Mons. Robert C. Morlino, Cristianità n. 392 (2018)
Lettera ai fedeli circa la crisi in corso nella Chiesa dovuta agli abusi sessuali
Cari fratelli e sorelle in Cristo della diocesi di Madison,
le scorse settimane hanno portato con sé tanto scandalo e tanta comprensibile indignazione, nonché un appello rivolto alla gerarchia ecclesiastica da parte di molti fedeli cattolici qui, negli Stati Uniti, e oltreoceano, perché vengano presi provvedimenti e si faccia chiarezza sui peccati di natura sessuale compiuti da preti, vescovi e perfino cardinali. Un’indignazione ancora maggiore è montata nei confronti di chi è stato complice nell’impedire che alcuni di questi peccati così gravi venissero alla luce.

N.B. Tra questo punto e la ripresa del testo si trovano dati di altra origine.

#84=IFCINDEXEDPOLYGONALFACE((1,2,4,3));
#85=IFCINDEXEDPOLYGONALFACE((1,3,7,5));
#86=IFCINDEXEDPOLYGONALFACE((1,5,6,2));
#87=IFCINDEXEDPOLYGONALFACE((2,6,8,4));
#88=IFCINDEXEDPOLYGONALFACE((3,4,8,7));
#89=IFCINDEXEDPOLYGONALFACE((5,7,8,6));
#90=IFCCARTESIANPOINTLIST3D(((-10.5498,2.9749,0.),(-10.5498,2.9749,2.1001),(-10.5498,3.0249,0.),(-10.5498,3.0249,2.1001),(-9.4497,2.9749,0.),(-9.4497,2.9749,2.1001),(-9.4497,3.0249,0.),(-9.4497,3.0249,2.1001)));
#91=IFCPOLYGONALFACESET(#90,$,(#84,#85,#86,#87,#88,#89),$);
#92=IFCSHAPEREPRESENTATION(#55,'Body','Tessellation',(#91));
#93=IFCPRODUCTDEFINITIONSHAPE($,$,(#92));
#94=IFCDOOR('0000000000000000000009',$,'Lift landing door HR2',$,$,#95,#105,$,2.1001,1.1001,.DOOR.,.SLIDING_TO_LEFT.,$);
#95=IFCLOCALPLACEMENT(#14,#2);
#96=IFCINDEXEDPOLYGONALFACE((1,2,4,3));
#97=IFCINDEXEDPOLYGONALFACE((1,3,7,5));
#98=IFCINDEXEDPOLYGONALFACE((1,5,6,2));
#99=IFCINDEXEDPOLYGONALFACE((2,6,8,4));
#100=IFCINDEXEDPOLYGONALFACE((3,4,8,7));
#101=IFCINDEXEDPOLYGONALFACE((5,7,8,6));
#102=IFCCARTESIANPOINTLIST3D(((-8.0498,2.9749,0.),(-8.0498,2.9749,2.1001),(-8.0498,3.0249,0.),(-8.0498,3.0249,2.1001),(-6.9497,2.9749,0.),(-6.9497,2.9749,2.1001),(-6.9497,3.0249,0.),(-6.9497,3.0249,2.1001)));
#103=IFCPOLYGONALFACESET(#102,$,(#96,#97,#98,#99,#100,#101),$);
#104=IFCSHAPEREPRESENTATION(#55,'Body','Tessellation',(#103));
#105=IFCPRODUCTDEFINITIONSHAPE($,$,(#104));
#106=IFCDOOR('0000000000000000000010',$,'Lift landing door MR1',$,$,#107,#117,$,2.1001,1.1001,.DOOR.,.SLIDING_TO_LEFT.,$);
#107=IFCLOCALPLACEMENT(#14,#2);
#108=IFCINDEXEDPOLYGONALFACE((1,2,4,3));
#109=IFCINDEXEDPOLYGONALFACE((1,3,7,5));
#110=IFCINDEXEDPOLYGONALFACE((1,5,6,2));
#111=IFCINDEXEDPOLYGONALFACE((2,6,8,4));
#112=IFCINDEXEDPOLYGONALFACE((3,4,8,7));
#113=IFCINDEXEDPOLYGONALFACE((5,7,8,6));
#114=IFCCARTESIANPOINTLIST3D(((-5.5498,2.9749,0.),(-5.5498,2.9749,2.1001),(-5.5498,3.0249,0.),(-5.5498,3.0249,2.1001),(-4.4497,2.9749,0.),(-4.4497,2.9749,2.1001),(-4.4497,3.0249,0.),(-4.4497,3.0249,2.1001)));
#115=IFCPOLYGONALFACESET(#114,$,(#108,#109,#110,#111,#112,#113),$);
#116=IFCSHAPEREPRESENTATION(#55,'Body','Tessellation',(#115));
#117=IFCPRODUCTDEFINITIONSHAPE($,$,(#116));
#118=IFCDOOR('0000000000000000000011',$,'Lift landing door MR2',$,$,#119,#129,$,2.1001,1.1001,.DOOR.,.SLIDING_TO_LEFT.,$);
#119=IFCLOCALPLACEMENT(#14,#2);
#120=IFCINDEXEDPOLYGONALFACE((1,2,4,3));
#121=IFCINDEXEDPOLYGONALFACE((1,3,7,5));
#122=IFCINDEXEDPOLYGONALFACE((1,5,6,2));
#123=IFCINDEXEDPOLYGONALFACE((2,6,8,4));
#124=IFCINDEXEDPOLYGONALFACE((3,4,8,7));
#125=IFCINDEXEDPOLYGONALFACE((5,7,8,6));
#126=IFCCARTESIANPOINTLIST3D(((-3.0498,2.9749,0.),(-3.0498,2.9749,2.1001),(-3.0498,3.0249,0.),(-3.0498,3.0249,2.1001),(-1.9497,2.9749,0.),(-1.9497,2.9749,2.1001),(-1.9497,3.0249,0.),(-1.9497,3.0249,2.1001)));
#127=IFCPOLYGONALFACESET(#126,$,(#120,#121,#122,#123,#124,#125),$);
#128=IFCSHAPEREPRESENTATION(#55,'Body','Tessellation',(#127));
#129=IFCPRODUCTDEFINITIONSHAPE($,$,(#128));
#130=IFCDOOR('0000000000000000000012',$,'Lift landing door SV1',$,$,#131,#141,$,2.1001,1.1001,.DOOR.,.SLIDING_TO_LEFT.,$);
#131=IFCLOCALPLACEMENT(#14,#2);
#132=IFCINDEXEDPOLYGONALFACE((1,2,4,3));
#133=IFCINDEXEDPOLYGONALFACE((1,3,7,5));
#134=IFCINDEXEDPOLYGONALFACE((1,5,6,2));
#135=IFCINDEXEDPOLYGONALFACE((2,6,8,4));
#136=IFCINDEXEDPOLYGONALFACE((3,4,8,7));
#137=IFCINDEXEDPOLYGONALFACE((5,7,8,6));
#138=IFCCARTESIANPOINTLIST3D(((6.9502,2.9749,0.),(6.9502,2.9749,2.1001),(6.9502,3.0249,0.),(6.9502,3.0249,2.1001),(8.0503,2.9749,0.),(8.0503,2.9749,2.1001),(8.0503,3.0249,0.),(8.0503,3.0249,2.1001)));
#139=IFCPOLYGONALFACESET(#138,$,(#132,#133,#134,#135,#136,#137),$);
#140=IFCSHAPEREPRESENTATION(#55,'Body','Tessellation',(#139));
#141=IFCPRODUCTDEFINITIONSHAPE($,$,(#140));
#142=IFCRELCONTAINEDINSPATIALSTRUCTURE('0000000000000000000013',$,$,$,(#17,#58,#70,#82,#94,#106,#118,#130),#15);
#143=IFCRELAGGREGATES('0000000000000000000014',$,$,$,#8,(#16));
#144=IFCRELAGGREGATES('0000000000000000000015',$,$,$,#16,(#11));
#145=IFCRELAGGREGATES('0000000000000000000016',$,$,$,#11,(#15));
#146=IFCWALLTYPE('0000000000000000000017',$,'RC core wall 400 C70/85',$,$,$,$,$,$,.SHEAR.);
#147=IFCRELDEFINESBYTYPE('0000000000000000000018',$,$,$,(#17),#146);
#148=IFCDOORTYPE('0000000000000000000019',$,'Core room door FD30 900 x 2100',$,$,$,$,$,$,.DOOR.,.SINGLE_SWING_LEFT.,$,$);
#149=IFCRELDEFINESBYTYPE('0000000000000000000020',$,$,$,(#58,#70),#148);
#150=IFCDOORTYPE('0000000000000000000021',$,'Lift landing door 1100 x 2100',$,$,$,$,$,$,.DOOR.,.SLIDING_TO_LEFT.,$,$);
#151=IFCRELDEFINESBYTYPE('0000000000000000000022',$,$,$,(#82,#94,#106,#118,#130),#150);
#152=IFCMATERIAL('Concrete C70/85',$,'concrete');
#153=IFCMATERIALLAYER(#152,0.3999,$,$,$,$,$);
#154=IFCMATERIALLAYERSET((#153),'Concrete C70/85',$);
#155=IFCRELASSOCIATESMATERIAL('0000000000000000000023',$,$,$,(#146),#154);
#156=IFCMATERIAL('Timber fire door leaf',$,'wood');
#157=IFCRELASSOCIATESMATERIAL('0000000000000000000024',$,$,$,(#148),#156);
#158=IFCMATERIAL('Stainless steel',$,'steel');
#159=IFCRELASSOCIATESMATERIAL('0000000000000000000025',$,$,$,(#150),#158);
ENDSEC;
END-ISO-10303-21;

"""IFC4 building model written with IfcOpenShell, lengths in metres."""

Per quanto mi riguarda, sono stufo di tutto ciò, e so di non essere il solo. Stufo che le persone vengano ferite, e gravemente! Sono stufo dell’occultamento della verità. Sono stufo del peccato. E, da persona che ha provato — nonostante i molti difetti — a immolare la propria vita a Cristo e alla sua Chiesa, sono stufo della violazione sistematica dei sacri doveri da parte di coloro cui il Signore ha affidato l’immensa responsabilità della cura del Suo popolo.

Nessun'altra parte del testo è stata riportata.